Why eliminating the Electoral College would be bad for democracy Why eliminating the Electoral College would be bad for democracy

Regardless of who wins and loses the coming presidential election, the nation will be forced to listen to complaints and irrelevant theories about the mythical “popular vote.”

What is meant by this is the total count of individual votes for each presidential candidate, added up from all 50 states. It is the first thing some sore losers have turned to after losing a presidential election. In 2016, you may recall, many Democrats took solace or vented their frustration by pointing out that “Hillary Clinton won the popular vote.” These complaints were almost always followed closely by demands that the Electoral College be eliminated. It was and still is often said that unless the Electoral College is scrapped, we don’t really have a democracy.

This is increasingly so as the Democratic Party exiles itself to urban areas. The party can run up individual vote totals in large Democratic cities while doing nothing to increase its chances of Electoral College votes from swing states that don’t have a Los Angeles or New York City to produce a lopsided score.

Enter the National Popular Vote Interstate Compact. This is a plan of dubious constitutionality to undermine the electoral system. It would make elections less safe and even more partisan than they already are if you can imagine that.

The compact consists of states tying their votes in the Electoral College to the national popular vote total. It means that each state in the compact would award its electoral votes to the candidate with the most votes in the country, even if that candidate lost in that state. At present, 17 states and the District of Columbia have tied their 209 electoral votes to the national popular vote, getting closer to the 270 electoral votes needed for a candidate to become president.

The compact is popular only with Democrats, which makes sense because the party often wins the popular vote even when it loses the presidency. Democrats enthusiastic to tie their state’s Electoral College votes to the popular vote assume this will help Democrats, as indeed it would in current circumstances. But it is utterly devoid of principle.

There is a useful thought experiment one can force upon Democrats when they tout the “democratic” principle of the National Popular Vote Interstate Compact. All you need to do is ask them this: “So let’s say your state voted for Kamala Harris, but Donald Trump won the popular vote, you’d be content that your state’s Electoral College votes would be cast for Trump, right?” This usually produces a certain amount of stuttering and foot shuffling and the circumstantial but unprincipled retort, “But that’s not likely to happen.”

The compact fundamentally contradicts what America is supposed to be. We are the “United States,” or are supposed to be, which implies including all those participating in the federal system, not excluding those with whom one disagrees. 

The states make up the country. The nation does not have the right to treat smaller states as subservient departments.

The loss of this concept of genuine federalism is why the federal government has become more intrusive in everyday life, as voters and the parties, especially the Democratic Party, expect the president to absorb responsibilities that should fall to state governments.

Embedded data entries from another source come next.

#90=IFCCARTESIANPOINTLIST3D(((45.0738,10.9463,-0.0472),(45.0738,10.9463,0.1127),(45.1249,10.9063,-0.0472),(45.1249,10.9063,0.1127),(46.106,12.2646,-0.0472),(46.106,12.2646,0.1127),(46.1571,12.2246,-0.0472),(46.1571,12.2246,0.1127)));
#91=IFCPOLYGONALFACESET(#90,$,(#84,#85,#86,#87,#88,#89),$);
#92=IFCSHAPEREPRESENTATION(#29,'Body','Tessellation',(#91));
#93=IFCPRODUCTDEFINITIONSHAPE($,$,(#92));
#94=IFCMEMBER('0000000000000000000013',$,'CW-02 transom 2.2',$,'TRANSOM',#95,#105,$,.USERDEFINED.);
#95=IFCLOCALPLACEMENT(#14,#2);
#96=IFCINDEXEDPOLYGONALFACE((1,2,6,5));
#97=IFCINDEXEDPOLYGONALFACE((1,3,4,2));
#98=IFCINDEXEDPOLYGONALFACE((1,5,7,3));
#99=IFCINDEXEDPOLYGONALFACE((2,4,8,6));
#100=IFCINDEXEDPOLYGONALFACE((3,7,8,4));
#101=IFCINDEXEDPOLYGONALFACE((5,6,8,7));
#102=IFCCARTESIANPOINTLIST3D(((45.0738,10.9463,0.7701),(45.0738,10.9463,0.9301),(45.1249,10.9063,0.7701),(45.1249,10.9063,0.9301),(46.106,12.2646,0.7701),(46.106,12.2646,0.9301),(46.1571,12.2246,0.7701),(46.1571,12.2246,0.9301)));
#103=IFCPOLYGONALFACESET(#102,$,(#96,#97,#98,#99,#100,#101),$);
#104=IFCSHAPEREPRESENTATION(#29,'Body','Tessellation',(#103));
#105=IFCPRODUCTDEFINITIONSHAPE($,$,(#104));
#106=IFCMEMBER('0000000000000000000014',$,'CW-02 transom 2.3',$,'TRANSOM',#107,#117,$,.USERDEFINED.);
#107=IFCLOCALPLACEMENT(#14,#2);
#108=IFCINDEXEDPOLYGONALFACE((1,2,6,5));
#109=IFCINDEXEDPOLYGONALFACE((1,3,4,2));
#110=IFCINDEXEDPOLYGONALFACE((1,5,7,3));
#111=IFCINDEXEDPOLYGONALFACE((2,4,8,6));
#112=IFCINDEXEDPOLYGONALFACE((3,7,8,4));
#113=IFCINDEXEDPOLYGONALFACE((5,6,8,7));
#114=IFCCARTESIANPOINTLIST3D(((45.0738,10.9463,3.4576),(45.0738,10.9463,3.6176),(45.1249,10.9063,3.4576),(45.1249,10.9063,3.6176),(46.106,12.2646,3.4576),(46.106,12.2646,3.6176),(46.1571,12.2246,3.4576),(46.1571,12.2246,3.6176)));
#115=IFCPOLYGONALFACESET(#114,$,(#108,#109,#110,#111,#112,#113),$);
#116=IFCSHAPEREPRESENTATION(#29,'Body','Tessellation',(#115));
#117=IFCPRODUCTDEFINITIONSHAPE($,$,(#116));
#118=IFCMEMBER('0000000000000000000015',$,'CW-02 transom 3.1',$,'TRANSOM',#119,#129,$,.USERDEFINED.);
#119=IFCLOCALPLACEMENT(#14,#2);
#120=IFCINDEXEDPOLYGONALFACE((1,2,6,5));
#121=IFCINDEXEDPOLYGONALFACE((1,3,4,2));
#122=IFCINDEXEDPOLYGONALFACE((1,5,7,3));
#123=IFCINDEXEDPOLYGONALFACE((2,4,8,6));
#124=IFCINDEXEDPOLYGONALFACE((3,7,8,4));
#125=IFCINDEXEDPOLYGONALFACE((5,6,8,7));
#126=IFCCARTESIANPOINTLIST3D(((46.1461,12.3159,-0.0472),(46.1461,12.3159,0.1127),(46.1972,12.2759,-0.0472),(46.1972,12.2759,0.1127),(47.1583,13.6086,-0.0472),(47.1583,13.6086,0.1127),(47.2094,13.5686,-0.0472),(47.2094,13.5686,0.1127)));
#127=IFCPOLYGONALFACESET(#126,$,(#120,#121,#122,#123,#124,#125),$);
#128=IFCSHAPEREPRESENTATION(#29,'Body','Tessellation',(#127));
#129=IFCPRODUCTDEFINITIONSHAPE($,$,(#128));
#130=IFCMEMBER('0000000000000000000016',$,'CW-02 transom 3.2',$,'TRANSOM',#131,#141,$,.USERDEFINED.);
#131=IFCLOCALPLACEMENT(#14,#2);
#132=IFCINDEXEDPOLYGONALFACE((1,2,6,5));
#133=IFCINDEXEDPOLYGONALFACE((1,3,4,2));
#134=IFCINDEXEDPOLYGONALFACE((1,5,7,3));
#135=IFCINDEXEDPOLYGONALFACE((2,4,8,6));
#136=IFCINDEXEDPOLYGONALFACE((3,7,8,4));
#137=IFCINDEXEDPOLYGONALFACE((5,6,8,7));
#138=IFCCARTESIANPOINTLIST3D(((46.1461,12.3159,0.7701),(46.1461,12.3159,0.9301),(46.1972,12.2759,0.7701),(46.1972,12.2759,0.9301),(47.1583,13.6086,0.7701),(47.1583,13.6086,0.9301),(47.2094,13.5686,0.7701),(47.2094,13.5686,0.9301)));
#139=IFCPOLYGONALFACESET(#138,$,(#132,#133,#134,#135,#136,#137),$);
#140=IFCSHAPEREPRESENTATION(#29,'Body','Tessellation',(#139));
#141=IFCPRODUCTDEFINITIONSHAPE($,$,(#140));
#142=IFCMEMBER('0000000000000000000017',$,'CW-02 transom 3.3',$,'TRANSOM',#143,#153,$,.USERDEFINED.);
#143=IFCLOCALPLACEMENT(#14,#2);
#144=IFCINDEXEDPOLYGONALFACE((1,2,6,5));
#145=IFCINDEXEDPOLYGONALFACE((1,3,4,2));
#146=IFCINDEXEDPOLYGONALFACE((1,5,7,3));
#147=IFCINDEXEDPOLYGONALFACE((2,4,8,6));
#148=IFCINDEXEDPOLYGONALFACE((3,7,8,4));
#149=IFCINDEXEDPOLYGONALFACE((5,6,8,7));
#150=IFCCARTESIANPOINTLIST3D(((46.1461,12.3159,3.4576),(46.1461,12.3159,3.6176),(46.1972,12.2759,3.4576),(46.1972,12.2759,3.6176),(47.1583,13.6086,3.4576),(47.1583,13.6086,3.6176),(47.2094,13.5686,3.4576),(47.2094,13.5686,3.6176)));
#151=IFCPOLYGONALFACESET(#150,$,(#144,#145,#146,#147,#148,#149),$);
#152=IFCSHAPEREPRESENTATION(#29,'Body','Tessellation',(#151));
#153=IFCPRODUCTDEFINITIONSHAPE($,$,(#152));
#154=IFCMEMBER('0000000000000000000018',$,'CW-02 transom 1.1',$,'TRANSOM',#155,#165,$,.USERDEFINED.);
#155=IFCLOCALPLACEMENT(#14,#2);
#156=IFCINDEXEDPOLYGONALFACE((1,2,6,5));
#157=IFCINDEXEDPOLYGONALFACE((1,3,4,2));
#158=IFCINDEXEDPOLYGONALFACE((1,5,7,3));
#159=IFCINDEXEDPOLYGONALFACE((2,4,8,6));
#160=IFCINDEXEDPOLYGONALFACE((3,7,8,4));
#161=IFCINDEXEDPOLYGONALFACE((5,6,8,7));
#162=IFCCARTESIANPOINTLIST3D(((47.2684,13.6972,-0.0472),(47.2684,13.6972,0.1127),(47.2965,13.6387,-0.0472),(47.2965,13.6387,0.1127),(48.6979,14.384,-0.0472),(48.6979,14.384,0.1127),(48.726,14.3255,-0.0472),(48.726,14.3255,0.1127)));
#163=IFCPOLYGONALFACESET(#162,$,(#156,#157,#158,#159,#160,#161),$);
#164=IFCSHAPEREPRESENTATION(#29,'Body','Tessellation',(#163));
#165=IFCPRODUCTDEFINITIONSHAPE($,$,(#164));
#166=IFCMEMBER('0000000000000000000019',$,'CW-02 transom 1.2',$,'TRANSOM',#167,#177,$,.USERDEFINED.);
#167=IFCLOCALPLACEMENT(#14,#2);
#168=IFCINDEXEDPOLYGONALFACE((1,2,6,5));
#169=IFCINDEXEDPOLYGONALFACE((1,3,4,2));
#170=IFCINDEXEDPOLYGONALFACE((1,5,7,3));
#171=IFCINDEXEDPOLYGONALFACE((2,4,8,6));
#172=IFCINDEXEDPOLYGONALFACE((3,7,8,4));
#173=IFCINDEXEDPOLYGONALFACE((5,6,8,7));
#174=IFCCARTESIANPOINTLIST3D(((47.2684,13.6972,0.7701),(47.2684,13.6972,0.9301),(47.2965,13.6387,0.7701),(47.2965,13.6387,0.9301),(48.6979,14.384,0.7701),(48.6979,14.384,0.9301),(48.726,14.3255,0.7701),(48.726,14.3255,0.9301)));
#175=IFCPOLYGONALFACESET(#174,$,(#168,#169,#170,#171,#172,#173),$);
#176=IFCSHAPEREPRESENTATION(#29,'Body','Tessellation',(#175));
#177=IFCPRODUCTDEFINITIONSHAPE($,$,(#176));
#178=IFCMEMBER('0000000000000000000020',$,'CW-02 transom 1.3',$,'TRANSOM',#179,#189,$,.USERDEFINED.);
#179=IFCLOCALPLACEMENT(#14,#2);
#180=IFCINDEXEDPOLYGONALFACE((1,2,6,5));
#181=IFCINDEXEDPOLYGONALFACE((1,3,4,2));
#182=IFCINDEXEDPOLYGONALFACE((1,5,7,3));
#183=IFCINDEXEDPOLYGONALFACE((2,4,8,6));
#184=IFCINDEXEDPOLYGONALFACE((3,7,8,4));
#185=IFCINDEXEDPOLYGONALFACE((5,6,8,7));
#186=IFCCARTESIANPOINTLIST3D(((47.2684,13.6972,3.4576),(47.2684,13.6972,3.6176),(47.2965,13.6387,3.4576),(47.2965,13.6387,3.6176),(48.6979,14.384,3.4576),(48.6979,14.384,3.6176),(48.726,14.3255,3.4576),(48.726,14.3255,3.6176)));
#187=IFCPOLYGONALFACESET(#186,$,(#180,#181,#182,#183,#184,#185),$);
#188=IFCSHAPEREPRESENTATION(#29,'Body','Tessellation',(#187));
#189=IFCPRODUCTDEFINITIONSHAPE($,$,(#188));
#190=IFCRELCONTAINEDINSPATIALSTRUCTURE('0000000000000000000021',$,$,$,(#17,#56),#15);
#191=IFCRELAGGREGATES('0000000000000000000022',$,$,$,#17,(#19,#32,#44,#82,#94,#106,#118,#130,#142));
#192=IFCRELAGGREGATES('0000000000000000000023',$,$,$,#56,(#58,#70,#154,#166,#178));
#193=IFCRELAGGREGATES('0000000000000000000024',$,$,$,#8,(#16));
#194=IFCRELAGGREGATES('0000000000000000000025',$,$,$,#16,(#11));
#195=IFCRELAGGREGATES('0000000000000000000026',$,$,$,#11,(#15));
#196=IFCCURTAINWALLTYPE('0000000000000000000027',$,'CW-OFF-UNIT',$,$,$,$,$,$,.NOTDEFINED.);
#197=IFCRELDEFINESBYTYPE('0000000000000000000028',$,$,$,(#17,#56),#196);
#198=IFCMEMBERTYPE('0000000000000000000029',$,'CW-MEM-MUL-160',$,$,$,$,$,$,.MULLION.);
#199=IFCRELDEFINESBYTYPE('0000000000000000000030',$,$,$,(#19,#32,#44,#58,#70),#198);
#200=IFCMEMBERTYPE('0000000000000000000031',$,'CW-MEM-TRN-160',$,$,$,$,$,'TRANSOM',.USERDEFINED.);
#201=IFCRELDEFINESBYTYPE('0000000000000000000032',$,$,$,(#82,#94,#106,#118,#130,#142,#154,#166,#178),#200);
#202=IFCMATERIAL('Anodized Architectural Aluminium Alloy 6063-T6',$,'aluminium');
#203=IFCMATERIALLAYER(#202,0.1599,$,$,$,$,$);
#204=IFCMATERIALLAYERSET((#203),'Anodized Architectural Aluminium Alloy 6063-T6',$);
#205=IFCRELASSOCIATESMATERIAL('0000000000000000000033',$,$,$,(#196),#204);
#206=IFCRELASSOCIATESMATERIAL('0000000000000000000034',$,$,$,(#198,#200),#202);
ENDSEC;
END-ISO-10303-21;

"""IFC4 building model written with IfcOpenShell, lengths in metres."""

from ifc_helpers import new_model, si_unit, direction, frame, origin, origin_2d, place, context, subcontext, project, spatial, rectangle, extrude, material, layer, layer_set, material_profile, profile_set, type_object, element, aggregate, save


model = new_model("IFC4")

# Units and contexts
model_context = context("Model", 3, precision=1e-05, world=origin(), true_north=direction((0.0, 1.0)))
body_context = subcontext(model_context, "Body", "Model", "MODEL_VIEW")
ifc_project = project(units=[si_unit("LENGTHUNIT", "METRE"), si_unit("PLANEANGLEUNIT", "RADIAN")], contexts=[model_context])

The national popular vote idea is thus a “solution” to a problem that doesn’t exist. The system works as it is because it forces presidential candidates to make appeals to broad swaths of the country. Trump lost the popular vote but won 30 of the 50 states in 2016. A candidate needs to convince voters in Arizona, Michigan, New Hampshire, and Georgia, states with unique cultures and issues, that he or she should be president.

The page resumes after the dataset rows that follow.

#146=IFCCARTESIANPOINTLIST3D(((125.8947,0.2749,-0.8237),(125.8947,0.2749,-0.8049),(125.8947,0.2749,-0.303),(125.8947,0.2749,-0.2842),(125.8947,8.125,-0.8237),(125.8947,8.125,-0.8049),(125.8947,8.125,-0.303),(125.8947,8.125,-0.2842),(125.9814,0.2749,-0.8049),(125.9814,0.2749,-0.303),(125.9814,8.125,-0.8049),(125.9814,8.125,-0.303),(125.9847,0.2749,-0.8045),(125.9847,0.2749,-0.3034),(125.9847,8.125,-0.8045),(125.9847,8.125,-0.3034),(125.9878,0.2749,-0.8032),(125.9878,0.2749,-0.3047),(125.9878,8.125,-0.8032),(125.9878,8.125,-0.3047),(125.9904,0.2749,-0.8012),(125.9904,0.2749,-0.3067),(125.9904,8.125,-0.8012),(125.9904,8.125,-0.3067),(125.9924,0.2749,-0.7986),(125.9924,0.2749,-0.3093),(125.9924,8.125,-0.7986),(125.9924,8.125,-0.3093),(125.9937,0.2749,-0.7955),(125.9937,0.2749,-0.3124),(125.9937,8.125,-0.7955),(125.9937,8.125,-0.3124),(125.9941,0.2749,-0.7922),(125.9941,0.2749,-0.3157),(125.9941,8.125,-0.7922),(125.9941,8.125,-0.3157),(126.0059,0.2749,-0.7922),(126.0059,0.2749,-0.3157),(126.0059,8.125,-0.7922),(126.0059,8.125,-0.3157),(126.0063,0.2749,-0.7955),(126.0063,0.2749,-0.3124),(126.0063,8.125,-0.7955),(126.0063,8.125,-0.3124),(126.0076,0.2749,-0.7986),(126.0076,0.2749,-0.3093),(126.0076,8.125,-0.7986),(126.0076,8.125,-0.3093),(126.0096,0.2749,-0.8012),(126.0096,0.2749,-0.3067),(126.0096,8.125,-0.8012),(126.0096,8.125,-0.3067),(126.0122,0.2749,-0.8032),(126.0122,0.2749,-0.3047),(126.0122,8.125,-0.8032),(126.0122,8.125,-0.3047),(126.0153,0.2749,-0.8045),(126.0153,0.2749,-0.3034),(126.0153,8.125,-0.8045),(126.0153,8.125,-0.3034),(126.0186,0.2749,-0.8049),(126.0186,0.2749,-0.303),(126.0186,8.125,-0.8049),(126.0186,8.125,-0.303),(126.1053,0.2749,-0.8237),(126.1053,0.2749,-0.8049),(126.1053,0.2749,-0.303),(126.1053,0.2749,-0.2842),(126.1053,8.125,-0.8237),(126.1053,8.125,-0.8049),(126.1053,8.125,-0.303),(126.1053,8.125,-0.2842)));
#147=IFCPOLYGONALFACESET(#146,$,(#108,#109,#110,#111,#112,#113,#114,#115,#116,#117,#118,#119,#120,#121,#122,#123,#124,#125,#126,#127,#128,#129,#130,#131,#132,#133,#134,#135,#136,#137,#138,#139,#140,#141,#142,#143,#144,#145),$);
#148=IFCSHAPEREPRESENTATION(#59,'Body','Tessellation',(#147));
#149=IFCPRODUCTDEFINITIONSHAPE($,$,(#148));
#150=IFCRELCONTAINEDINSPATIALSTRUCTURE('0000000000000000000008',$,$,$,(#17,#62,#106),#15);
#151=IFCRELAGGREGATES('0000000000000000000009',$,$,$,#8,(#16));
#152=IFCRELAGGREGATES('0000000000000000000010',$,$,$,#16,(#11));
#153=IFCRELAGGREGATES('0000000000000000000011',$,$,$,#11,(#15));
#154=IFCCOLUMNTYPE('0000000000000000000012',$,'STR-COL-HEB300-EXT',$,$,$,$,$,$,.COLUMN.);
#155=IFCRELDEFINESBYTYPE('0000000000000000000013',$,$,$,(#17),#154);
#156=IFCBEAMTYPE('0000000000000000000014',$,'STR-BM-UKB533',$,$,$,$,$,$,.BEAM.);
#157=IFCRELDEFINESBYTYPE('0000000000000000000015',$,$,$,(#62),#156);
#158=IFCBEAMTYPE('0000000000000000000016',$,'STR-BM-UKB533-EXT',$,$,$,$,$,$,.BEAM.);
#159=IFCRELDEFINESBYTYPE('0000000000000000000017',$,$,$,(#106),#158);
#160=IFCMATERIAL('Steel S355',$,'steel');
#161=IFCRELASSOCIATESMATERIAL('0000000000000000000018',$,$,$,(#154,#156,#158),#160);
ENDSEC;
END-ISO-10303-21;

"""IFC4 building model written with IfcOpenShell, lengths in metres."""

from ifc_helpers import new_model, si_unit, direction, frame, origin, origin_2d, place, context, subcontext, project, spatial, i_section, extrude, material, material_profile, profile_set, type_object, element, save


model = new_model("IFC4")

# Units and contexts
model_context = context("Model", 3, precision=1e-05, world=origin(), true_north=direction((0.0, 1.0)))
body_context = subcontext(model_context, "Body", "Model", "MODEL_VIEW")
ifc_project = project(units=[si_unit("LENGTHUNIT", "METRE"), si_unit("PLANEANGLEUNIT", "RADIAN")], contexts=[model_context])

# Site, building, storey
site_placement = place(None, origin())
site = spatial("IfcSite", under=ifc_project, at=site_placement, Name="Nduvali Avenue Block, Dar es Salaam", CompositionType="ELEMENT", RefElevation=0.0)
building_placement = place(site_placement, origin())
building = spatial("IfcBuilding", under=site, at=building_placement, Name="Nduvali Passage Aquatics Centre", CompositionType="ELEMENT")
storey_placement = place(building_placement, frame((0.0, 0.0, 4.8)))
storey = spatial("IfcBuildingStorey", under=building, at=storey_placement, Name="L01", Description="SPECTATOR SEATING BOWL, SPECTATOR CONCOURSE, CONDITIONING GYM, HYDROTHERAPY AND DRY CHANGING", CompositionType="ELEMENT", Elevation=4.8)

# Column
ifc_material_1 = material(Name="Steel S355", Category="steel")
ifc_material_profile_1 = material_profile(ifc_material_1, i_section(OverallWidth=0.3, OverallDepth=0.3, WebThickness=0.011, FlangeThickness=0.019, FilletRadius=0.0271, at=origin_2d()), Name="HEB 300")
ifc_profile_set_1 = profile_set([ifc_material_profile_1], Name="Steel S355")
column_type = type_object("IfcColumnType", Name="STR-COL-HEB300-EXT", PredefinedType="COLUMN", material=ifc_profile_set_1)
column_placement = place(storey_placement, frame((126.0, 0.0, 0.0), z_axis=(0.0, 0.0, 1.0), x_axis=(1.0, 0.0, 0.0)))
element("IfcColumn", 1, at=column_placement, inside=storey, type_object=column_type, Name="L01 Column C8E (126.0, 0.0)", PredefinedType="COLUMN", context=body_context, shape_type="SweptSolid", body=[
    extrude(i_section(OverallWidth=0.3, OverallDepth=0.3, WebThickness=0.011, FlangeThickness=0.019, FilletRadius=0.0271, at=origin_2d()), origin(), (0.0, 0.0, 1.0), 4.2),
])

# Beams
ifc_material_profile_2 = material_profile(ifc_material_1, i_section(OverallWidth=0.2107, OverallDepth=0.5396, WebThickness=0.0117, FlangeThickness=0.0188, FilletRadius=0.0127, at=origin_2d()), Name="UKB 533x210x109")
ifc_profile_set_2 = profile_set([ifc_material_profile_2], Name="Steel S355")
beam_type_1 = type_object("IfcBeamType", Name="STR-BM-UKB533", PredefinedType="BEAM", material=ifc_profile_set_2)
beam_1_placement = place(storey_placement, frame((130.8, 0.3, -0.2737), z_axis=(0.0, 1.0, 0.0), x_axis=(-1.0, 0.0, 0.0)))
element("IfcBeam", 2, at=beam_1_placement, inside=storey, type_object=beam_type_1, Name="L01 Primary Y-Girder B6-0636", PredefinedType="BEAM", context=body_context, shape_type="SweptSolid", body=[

A system that simply awarded the presidency to the winner of the most votes nationwide would produce campaigns intent solely on riling up their party base. If the country is divided now, as it is, imagine a national popular vote election that frees Democrats and Republicans alike from the tempering effect of “swing states” and instead encourages them to juice up antagonisms to drive their flock to polling places.

Thus far, only Democratic-controlled states and Washington, D.C., have signed on to the compact. This stems from Democratic chagrin about the 2000 election that Al Gore lost. They believe dearly that he should have been the winner because he “won the popular vote” against George W. Bush. The 2016 election revived that sentiment after Clinton “won the popular vote” but not the presidency.

The 2016 election is a perfect representation of how Democrats view the electoral system. Clinton’s campaign ran up vote totals in big liberal cities. Her win by 2.9 million in the popular vote is due solely to her ability to rack up a landslide in California. She secured a margin of 1.7 million in Los Angeles County alone. Clinton was very popular in small pockets of the country where Democratic voters congregate, so both she and the Democratic Party think she shouldn’t have to waste their time trying to win voters in the middle of the country. She didn’t visit the swing state of Wisconsin once after the Democratic National Convention. She and the blue party regarded the heartland as literally flyover country. Basing the presidential election result on the national popular vote tally would make that permanent.

Democrats seem to think that because their popular vote margin doesn’t mean anything in the current electoral system, that system must change. In truth, it is the Democrats who must change. They must change to try to win votes in flyover country. It is the same logic behind the Democratic push for statehood for Washington, D.C., which would gift the Democratic Party two senators. Democrats don’t want to have to campaign in states in the middle of the country to get power on Capitol Hill.

It should be noted that the compact contains a trigger, and states don’t have to pull that trigger until enough states join to reach 270 electoral votes. It’s just another wrinkle Democrats added to ensure they don’t accidentally award a Republican presidential candidate the White House in a scenario in which the GOP wins the “popular vote” but Democrats win the Electoral College, a possibility this November.

So, the popular vote compact fails in principle with what the U.S. is meant to be and fails in concept as a “solution” to an imagined problem, given that it is nothing more than a Democratic power grab. Just as damning, though, is that the national popular vote would fail in practice by making elections more prone to widespread fraud and fuel rampant distrust among the general public.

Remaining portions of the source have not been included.